On the crop front, we remain to be in the midst of a corn boom; motivated by the ethanol mandate as well as expanding international marketing opportunities. The result is that more than a quarter million acres that had recently been under conservation protection in Wisconsin are now back in crop production with a 20% increase in soil erosion, associated soil loss, water body sedimentation and resultant water resource pathology."

Silence equals acceptance and a betrayal of our children for whom Wisconsin used to promise to be good stewards of the environment, a promise called The Public Trust Doctrine.

"Wisconsin waters are at a crisis point. ... The benefits of public access to water were so basic to Wisconsin's very existence and definition that Congress guaranteed it in 1787 — before statehood — and public water rights are now inscribed in the Wisconsin Constitution as Article IX, 'The Public Trust Doctrine.] ... But Gov. Scott Walker and the GOP-run Legislature are systematically draining the Public Trust Doctrine from law and programs through power politics and party-line votes, making water access and management into private-sector tools.
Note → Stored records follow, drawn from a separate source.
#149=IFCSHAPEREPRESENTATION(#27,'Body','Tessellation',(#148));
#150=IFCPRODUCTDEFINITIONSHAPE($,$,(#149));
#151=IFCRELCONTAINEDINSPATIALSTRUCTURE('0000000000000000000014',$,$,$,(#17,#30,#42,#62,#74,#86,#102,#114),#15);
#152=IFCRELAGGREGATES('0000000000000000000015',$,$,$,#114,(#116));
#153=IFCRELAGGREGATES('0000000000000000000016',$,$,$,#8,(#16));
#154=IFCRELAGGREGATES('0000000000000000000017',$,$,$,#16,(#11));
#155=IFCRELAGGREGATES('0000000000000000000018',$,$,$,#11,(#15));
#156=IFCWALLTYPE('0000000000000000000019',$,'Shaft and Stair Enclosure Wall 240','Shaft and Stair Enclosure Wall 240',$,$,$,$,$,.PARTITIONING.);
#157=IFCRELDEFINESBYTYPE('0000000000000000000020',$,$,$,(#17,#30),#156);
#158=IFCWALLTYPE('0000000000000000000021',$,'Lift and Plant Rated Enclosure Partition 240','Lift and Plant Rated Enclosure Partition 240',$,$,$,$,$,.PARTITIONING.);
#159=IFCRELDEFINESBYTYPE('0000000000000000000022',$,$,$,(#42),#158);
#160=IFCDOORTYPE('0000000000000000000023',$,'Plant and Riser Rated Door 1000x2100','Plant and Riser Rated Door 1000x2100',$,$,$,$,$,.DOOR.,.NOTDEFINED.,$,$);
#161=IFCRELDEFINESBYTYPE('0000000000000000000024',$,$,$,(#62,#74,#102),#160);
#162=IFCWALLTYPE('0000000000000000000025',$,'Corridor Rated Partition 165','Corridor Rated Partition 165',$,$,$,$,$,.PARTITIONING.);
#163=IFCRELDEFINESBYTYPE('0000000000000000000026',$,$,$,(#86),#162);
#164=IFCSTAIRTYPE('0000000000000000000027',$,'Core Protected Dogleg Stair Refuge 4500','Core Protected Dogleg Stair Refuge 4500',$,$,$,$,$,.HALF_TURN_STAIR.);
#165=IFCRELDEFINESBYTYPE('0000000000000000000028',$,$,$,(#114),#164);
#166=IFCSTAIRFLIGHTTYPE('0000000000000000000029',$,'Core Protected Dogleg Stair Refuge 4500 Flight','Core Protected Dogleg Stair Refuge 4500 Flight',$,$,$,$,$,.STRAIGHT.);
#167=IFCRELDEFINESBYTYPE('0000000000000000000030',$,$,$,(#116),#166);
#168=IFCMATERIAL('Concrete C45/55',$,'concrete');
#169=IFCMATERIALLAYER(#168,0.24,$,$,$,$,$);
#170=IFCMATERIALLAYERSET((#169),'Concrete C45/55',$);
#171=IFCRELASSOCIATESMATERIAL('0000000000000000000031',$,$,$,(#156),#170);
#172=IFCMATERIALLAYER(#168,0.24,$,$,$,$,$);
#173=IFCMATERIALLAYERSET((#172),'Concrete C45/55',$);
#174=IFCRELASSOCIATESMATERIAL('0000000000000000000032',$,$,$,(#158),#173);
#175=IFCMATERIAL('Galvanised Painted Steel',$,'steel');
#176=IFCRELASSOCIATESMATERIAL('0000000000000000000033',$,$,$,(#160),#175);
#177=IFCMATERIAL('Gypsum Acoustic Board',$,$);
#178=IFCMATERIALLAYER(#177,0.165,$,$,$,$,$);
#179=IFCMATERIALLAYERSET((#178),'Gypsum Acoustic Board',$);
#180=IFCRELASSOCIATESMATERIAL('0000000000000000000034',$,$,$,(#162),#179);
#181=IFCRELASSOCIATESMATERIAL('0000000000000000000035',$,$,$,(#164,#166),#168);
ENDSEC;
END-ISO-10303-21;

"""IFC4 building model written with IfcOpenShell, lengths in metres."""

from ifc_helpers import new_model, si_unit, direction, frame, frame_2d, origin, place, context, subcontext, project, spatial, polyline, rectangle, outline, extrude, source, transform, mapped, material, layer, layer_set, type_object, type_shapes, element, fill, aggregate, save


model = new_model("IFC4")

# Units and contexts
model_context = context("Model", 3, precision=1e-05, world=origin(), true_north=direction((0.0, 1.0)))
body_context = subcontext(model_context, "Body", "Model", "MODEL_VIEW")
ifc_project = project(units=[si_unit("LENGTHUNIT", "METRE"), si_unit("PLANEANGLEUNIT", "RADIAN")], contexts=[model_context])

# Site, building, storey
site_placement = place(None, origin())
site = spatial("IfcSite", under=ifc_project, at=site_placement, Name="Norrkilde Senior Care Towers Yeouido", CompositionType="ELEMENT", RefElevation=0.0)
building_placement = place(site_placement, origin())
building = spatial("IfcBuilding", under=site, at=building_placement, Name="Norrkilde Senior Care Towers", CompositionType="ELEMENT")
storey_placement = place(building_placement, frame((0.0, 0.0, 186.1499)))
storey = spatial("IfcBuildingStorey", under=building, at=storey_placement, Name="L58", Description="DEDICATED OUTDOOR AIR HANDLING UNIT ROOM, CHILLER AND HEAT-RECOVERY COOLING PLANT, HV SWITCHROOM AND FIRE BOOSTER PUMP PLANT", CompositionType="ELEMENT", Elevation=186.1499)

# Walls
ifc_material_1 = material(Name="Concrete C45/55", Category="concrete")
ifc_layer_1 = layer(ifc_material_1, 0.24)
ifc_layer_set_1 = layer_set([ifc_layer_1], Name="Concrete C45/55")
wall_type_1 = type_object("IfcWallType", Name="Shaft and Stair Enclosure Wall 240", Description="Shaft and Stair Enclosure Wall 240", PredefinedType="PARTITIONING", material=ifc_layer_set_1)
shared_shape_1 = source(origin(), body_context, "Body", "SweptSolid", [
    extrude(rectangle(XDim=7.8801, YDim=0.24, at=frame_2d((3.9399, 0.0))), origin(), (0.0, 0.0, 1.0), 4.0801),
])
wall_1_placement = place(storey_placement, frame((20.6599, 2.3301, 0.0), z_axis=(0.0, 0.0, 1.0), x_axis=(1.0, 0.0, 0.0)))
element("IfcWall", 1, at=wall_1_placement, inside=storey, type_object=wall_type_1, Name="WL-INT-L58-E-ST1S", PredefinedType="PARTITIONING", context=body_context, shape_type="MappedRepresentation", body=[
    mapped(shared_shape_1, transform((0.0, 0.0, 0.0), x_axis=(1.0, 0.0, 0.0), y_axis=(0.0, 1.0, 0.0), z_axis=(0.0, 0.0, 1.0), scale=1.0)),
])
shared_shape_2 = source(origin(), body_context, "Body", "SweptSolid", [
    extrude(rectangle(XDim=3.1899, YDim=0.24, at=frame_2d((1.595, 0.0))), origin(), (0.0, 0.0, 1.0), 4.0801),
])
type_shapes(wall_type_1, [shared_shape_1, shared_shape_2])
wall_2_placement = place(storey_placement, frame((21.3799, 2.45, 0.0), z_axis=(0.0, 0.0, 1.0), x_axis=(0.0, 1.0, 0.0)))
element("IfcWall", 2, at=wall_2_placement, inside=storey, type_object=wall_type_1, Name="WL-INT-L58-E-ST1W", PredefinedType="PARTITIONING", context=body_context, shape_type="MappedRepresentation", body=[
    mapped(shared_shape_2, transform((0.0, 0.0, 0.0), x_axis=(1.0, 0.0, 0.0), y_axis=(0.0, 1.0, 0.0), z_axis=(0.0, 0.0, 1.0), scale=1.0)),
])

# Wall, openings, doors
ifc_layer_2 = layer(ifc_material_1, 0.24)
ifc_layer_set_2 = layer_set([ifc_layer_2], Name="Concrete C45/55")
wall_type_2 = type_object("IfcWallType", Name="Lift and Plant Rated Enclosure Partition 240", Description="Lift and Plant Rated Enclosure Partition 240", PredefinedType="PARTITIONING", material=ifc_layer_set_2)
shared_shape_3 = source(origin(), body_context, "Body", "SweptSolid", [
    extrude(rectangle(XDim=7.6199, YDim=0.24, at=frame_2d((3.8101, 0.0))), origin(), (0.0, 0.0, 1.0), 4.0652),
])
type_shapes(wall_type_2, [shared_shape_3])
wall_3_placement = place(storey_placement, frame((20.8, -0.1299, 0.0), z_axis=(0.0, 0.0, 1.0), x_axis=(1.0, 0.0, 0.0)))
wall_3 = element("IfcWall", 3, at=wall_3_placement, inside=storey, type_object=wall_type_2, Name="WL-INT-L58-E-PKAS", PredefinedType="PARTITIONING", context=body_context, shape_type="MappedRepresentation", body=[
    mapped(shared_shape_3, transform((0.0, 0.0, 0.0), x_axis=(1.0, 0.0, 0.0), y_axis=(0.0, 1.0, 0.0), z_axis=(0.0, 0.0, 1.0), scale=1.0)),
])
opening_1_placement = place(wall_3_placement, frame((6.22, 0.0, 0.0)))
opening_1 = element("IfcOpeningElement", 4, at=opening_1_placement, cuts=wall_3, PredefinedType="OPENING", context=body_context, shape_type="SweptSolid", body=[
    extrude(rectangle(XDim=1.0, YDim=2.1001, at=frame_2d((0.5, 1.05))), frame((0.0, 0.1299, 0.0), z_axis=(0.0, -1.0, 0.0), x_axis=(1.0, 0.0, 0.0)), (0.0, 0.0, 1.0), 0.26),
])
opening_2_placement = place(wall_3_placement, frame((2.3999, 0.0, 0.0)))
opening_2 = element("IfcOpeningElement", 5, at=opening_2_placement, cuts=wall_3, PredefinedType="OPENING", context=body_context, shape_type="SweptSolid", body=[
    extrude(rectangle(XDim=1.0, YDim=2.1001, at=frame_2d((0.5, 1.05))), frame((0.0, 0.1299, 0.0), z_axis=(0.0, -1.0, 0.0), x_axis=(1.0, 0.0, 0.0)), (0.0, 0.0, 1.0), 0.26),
Through complacent, shortsighted and partisan behavior, these politicians are disconnecting wetlands from their ecosystems and also disconnecting Wisconsin from imperative local-to-international water conservation planning," writes Jim Rowen (Milwaukee Journal-Sentinel).

Another formulation of these facts comes from our friend, Don Ystad in Rome, Wisconsin fighting off the greedy and short-sighted:

Emails Ystad: "Many generations of my family were Wisconsin dairy farmers.  Rebecca Kleefisch’ recent article about 'Growing Wisconsin’s Great Dairy Industry' would normally be received as great news. But, she failed to mention that over 30% of the wells in Kewaunee County are polluted by manure runoff, that a farm in Spencer allowed manure to over run for a year, spilling into the Little Eau Plaine River, that beaches at Wazeecha and Nepco in Wood County are closed because of e coli from manure runoff, that the dairy CAFO in Armenia has been ordered by the DNR to drain it’s manure pit to inspect for leaks, that the very lakes she can see from her office window in Madison are polluted from ag runoff.  Instead, she and others in the administration have a blind eye to the
ever increasing water quality issues reported all over Wisconsin. I’m all for growing dairy farms in our great state, but not at the expense of our drinking water.  And, I would encourage tax breaks for family farms instead of the huge corporate factory farm contributors behind this push. Not one word about a cautious approach to this increase in dairy, or a reasonable balance with the environment. Are we back in the early 1900s when industry road roughshod over the environment?  I’m tired of the greed and the business at all costs mentality. Unless you are a wealthy corporate factory farmer, you have to question how this benefits you."